At Anchorage’s Tudor Elementary School on Wednesday morning, children arrived by school bus, taxi, car and on foot, all wearing face masks and carrying backpacks.
Children scrambled out of their parents’ vehicles and dashed toward the building’s entrance, ready for the first day of in-person school since March.
Principal Nicole Sommerville, with spare face masks in hand, stood outside and greeted children and parents as they arrived, handing out masks when needed and directing children to their classrooms.
Similar scenes unfolded at elementary schools across the city as the Anchorage School District launched its plan to phase students back into classrooms, beginning with the district’s youngest students. Most elementary students in pre-kindergarten through second grade, and special education students in self-contained classrooms through the sixth grade, are in the first wave of students to return.
Sommerville expected about 170 students to return to in-person learning at Tudor Elementary, she said.
“We’ve been working so hard this whole year, making sure that our kids had what they need and doing online learning but it’s just — it’s not enough,” Sommerville said. “If I could have brought all of them back, I would have.”
Tudor, a pre-K through sixth grade neighborhood school, also houses a Montessori program.

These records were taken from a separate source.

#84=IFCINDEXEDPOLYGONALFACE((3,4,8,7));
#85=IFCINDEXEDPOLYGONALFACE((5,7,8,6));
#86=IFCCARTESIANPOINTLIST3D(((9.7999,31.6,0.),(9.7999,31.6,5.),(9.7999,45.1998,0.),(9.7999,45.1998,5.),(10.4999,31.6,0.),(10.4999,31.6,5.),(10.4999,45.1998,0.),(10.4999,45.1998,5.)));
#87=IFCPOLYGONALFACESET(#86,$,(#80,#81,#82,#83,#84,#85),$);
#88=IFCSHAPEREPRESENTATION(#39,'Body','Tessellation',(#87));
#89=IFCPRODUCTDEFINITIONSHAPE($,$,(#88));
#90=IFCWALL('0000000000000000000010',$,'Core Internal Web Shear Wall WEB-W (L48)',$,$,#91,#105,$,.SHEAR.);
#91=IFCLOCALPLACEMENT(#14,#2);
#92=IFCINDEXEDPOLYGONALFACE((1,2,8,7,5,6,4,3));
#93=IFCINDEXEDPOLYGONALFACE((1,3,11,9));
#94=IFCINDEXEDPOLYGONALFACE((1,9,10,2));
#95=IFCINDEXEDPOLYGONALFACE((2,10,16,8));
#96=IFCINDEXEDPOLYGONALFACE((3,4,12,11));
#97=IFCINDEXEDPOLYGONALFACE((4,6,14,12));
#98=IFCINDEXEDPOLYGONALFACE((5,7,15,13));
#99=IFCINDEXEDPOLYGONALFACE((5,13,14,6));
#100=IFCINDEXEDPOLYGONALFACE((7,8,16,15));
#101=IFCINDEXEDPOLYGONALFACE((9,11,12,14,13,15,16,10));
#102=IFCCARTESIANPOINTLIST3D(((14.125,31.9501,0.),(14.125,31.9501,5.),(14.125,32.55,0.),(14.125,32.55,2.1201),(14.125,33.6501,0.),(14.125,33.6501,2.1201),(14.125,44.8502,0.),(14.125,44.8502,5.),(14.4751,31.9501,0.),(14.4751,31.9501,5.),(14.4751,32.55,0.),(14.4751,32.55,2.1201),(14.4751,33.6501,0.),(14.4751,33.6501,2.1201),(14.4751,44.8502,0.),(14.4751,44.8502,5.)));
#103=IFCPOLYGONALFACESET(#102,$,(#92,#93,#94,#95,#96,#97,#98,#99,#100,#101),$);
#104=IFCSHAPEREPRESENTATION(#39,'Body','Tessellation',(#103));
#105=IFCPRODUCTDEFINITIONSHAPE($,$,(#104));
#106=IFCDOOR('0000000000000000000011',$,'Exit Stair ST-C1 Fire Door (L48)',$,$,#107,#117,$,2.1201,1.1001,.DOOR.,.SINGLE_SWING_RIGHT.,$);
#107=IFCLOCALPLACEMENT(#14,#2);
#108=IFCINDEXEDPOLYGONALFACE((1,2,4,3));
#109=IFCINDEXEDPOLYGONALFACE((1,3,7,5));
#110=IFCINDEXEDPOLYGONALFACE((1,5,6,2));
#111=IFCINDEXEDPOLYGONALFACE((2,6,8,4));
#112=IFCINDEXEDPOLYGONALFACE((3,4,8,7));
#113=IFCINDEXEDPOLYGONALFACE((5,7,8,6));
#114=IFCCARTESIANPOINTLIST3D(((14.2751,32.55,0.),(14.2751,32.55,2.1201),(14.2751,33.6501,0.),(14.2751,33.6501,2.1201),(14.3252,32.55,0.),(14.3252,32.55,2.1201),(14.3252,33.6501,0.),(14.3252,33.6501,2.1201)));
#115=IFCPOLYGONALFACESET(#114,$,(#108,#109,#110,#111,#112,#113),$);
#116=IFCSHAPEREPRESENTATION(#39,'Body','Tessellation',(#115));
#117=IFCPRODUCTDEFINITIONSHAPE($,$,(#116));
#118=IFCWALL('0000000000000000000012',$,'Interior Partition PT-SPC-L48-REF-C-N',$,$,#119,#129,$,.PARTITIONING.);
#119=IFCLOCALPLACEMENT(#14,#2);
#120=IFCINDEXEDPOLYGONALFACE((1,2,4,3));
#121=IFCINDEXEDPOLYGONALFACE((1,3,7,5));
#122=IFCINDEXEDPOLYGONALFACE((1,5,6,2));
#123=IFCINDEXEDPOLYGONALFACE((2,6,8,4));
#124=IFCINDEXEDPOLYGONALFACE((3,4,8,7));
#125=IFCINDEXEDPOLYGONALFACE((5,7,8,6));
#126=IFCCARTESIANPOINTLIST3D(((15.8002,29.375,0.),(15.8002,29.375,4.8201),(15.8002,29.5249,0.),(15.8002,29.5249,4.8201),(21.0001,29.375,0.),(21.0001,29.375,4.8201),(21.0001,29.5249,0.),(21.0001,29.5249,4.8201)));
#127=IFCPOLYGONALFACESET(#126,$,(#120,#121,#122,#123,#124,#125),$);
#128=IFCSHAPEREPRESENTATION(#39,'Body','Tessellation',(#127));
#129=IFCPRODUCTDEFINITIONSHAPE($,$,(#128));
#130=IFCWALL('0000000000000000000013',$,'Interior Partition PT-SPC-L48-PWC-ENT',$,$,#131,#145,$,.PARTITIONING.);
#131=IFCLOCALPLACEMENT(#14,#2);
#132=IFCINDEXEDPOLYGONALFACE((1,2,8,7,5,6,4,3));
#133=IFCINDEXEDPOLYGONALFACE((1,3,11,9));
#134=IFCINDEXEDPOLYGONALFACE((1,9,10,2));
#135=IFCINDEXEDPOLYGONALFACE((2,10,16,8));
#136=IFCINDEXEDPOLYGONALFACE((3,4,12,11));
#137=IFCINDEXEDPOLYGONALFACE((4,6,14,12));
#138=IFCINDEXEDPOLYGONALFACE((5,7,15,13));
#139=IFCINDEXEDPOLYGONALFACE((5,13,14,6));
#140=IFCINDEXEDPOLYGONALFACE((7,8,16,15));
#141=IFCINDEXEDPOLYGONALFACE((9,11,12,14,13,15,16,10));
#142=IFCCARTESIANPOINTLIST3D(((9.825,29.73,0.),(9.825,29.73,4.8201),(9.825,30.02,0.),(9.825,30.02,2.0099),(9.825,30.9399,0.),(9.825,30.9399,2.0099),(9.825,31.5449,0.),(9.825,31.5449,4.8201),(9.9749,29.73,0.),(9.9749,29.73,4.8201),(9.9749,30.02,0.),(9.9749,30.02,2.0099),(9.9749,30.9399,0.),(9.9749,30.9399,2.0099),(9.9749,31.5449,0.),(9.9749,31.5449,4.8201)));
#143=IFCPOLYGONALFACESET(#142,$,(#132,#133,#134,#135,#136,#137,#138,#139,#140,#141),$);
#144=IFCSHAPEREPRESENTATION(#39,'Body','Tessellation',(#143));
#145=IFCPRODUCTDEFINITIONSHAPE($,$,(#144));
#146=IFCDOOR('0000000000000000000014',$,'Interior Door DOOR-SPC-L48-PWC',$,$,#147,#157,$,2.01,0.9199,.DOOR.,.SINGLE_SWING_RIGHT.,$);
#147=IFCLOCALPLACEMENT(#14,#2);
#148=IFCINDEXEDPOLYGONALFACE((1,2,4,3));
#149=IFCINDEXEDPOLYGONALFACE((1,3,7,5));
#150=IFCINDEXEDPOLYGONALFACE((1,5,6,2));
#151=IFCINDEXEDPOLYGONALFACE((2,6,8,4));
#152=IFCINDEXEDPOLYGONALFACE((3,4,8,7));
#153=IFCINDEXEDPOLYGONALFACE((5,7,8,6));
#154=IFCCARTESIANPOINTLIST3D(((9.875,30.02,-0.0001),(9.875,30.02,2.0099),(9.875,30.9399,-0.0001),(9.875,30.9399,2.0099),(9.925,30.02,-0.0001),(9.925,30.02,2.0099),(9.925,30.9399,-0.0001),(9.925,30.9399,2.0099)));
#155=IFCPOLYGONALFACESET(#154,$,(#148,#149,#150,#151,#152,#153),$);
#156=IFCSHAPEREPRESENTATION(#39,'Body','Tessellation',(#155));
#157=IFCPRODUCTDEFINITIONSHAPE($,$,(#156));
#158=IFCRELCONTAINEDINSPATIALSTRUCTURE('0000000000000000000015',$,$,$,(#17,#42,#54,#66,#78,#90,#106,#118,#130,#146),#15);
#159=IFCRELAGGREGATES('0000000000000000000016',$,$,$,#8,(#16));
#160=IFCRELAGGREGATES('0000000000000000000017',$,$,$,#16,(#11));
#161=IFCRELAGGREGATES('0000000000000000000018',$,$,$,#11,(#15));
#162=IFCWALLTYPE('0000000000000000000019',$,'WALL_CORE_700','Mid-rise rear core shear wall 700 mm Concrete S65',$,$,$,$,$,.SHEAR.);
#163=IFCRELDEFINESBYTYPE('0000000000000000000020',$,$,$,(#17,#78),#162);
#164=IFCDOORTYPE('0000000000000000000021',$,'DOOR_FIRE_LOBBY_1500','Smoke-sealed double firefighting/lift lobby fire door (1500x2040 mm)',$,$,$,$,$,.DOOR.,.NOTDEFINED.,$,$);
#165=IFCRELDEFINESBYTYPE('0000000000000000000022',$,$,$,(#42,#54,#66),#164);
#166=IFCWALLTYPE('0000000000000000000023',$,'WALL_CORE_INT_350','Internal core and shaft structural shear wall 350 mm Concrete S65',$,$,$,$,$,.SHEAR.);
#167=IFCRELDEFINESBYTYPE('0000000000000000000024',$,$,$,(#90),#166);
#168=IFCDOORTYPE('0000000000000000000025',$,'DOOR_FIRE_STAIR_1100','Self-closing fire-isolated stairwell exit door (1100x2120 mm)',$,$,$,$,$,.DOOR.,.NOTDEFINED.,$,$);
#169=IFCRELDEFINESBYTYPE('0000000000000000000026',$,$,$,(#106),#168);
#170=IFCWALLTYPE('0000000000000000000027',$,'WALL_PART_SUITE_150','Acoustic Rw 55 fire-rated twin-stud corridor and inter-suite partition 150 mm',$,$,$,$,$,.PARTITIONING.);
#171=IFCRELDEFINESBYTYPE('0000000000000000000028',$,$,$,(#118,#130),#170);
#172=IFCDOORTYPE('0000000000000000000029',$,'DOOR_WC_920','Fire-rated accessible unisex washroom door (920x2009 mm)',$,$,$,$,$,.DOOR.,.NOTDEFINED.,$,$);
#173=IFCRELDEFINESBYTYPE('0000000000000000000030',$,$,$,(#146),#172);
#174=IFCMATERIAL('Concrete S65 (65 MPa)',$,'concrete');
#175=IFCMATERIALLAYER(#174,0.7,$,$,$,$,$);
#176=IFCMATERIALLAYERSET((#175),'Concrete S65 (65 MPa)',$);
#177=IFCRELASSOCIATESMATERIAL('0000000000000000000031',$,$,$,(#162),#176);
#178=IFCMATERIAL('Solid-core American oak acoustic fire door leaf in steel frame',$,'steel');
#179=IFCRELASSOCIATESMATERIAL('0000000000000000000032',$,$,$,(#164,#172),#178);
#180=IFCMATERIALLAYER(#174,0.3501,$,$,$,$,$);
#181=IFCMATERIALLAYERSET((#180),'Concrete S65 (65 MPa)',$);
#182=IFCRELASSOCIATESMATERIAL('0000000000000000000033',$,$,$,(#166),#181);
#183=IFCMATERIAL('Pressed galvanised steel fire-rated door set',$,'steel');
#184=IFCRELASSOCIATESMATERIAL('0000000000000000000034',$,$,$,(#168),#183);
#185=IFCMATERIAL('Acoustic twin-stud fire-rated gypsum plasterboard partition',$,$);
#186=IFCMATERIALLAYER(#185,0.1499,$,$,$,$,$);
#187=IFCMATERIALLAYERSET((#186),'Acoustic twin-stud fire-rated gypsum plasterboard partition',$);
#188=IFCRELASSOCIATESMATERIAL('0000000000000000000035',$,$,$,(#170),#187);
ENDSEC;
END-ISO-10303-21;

Students in kindergarten through fifth grade in the Montessori program, and pre-K through third grade in the neighborhood school program, returned to in-person class on Wednesday.

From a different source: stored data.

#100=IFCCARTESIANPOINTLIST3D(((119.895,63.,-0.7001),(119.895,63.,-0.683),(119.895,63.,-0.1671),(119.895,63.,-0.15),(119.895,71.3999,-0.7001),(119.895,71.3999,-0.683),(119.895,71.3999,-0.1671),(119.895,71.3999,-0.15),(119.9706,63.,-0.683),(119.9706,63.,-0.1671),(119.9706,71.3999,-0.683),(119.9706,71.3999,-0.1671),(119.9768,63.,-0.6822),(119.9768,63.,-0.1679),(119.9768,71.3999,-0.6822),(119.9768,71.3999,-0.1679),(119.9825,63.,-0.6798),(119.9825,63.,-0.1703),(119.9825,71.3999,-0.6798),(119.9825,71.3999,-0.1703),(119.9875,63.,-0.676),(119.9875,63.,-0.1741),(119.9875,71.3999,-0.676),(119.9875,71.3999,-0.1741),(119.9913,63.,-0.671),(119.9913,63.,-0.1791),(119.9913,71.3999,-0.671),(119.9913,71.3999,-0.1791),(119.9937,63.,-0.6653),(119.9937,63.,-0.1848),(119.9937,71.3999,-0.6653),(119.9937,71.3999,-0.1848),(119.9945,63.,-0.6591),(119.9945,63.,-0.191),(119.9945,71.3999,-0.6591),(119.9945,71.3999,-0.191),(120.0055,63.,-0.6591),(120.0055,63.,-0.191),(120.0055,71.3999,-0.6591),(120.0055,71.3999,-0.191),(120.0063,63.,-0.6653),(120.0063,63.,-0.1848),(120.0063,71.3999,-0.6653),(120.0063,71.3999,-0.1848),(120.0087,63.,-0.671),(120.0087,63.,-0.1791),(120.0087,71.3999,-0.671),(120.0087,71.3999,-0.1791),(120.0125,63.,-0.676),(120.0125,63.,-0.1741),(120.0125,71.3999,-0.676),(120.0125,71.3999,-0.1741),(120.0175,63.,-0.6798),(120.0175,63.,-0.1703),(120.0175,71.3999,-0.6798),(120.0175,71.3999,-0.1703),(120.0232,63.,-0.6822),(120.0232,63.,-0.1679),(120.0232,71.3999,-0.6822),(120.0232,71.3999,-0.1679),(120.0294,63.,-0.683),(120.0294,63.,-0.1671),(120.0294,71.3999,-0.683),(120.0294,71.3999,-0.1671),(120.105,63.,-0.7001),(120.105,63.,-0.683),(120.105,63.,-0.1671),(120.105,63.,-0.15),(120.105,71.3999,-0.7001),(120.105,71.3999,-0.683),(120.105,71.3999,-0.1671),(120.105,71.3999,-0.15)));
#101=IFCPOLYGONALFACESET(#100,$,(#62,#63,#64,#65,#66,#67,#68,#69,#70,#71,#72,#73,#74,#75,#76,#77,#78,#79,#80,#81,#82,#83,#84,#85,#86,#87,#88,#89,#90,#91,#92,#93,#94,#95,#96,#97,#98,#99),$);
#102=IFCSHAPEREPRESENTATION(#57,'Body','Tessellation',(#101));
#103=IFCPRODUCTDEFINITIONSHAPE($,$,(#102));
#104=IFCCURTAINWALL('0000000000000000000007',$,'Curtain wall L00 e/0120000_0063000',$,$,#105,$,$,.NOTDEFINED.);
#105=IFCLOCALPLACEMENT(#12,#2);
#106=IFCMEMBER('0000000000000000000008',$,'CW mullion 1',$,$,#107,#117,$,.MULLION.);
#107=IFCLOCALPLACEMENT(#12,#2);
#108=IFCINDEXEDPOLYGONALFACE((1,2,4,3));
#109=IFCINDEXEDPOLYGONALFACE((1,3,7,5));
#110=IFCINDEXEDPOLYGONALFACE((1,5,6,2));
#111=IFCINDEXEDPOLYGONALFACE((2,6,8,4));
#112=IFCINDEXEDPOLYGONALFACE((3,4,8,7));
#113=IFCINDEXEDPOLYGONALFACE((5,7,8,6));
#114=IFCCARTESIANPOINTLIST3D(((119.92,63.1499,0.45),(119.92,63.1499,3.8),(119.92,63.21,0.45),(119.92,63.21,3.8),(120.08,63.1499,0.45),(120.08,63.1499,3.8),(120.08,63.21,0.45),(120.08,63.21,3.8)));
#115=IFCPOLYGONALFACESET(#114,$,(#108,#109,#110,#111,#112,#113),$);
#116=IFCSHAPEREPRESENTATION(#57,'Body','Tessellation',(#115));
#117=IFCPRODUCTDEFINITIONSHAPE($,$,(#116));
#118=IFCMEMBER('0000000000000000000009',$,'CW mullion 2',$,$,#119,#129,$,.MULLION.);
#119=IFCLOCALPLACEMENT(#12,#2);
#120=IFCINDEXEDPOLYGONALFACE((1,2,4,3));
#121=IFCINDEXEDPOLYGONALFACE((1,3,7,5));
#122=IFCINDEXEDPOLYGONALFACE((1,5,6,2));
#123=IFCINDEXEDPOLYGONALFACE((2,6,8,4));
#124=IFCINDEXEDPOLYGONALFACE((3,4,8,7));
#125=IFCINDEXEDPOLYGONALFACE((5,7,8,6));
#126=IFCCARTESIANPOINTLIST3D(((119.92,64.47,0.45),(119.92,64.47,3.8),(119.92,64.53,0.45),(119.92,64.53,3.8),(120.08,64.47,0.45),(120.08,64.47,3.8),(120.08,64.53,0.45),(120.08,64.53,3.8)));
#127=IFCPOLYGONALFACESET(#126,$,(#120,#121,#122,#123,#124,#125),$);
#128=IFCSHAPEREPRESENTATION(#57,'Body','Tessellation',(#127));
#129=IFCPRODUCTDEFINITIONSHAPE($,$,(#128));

Sommerville said the months away from classrooms were hard on students, especially those who are more vulnerable. The students come from a wide range of socioeconomic backgrounds, she said, and the pandemic and school closures have had tremendous impacts on some. Some families have had to quit jobs to take care of children. Others are facing crises like eviction, she said.
“For them, this is familiar,” Sommerville said. “This is safe. They know they’ve got friends — they can be kids again.”
Donna May Manalo dropped off her 5-year-old son, Dior, for his first day of in-person kindergarten. Both were a little apprehensive — Manalo about the health risks of the coronavirus, and her son a little overwhelmed about finally going to class, she said.
Manalo said the staff and school system seem to be doing their best to follow all the health protocols.
“It’s a nice feeling to be sending him off,” Manalo said. “Everybody is excited — the whole family is in the car to cheer him on.”
She said that while helping her son do school online, “there was a tendency for me to everything for him.”
“In school, he will really learn to be independent,” she said.
Theresa Peters was also there dropping off her three kids — one kept her backpack and snow pants on for hours in the house before the family was ready to leave, she said.
“We’re all excited,” Peters said. “We’re a little worried, but hopeful this will work out well.”
Leath Kramer, a father of two young children, said he is also worried about the risks of coronavirus exposure. Still, online learning has not worked well for his kids, a fifth grader, Jonah, and a first grader, Jasper.
“They hate it,” he said. Being cooped up all together at home has been difficult, he said.
For Kramer, a single parent and a self-employed carpenter, having the kids at home for school has also been difficult financially.
“It cut down on my ability to work,” he said. “My bank account is going to be happy about this.”
As he walked his kids to the entrance, Kramer bent down to say goodbye to his children and urged them inside, patting their shoulders.
“You guys good to go?” he said. “Have fun at school.”